# Do I have mistakes in my calculations (power series, convergence)?

I'm not sure I got all of these problems right. I'd really appreciate any sort of feedback.

For which $x \in \mathbb{R}$ do the following series converge?

Problem 1

For $\sum\limits_{n=1}^{\infty}\frac{3n^7x^n}{2n!} = \sum\limits_{n=1}^{\infty}\frac{3n^7}{2n!}x^n$, perform a ratio test: $$\lim\limits_{n\to \infty}\left|\frac{3(n+1)^7}{2(n+1)!} \cdot\frac{2n!}{3n^7}\right| = \lim\limits_{n\to \infty}\left|\frac{(n+1)^7}{(n+1) \cdot n^7}\right|= \lim\limits_{n\to \infty} \left|\frac{(n+1)^6}{n^7}\right|\\= \lim\limits_{n\to \infty}\left|\frac{n^6+6n^5+15n^4+20n^3+15n^2+6n+1}{n^7}\right| = \lim\limits_{n\to \infty} 0 =0$$

$\implies$ The ratio of convergence is therefore $r = \infty$.

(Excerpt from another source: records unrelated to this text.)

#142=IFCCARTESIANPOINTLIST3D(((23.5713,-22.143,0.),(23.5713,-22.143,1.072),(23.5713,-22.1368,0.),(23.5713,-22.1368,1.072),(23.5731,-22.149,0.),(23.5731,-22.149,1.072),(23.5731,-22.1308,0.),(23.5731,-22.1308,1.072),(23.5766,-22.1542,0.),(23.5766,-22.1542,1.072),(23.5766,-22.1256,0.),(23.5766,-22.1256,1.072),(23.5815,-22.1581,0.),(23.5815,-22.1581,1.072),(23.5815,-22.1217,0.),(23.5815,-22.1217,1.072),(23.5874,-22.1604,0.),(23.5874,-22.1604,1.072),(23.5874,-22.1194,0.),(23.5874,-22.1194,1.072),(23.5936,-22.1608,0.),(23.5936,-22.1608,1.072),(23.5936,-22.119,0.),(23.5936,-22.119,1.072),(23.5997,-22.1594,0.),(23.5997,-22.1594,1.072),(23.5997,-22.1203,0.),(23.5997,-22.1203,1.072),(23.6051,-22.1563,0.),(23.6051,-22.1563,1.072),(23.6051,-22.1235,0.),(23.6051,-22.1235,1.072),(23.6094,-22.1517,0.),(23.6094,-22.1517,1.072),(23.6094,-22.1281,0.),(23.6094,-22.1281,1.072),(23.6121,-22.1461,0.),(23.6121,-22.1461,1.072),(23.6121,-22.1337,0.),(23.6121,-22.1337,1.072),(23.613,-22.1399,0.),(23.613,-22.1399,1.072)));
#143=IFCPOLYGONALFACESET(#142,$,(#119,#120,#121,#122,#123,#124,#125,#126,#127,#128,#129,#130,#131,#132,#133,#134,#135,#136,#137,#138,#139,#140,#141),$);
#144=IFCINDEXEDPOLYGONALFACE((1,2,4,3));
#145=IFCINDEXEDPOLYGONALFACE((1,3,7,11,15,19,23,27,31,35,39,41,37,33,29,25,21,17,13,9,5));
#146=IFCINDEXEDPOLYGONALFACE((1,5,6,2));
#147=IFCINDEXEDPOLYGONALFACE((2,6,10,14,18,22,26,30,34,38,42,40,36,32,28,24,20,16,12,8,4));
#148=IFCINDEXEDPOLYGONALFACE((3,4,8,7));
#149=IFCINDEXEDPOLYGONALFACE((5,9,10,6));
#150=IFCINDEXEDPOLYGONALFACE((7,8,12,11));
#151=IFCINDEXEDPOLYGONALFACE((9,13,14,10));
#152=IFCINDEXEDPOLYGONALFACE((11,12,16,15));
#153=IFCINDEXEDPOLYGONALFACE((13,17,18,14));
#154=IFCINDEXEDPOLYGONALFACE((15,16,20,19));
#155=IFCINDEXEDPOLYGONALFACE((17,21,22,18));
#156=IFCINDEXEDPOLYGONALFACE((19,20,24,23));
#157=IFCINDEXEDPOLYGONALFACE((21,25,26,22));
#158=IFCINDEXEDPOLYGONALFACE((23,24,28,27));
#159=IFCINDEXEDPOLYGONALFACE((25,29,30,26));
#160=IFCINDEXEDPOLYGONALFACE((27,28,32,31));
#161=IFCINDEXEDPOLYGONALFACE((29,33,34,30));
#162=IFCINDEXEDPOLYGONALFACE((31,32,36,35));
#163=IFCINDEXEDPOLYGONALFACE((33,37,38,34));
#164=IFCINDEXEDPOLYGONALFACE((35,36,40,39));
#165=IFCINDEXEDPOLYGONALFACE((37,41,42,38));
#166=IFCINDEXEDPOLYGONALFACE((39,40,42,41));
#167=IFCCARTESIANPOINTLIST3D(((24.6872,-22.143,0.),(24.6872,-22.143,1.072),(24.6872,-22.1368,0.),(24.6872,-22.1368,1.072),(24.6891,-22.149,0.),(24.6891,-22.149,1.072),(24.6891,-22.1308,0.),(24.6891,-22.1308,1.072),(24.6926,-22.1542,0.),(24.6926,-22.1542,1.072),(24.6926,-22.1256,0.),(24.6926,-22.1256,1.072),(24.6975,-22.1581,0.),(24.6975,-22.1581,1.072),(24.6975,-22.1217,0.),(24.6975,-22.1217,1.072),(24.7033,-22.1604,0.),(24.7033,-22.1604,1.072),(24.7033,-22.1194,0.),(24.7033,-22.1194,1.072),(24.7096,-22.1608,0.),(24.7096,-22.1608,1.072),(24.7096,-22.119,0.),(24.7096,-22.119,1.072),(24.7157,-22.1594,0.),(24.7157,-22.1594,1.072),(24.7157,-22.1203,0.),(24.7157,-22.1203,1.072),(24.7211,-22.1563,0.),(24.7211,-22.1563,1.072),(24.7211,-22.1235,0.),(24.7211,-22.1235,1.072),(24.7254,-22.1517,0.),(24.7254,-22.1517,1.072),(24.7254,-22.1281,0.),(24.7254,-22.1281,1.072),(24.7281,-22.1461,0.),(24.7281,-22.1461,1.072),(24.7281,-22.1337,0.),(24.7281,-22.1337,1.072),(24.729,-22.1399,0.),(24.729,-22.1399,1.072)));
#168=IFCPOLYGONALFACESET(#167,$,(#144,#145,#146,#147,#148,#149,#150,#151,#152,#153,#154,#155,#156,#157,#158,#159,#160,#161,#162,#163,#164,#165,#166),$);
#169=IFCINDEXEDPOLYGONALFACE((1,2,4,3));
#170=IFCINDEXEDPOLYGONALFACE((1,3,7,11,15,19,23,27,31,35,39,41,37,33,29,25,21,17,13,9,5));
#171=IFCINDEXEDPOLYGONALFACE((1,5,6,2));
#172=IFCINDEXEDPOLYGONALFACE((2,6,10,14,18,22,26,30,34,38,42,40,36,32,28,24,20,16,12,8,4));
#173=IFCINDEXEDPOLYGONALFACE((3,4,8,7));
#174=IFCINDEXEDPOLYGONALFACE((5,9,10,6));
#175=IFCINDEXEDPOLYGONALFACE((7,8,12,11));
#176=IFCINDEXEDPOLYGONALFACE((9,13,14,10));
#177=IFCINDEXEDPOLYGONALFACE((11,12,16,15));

$\implies$ The power series absolutely converges for any $x \in\mathbb{R}$. $$\\$$

Problem 2

For $\sum\limits_{n=1}^{\infty}\frac{(x-1)^n}{n}$, we see that the coefficients $a_n$ are formed by the harmonic series $a_n = \frac{1}{n}$.

Note that $\lim\limits_{n \to \infty} a_n = 0$.

$\implies$ The ratio of convergence is therefore $r = \infty$.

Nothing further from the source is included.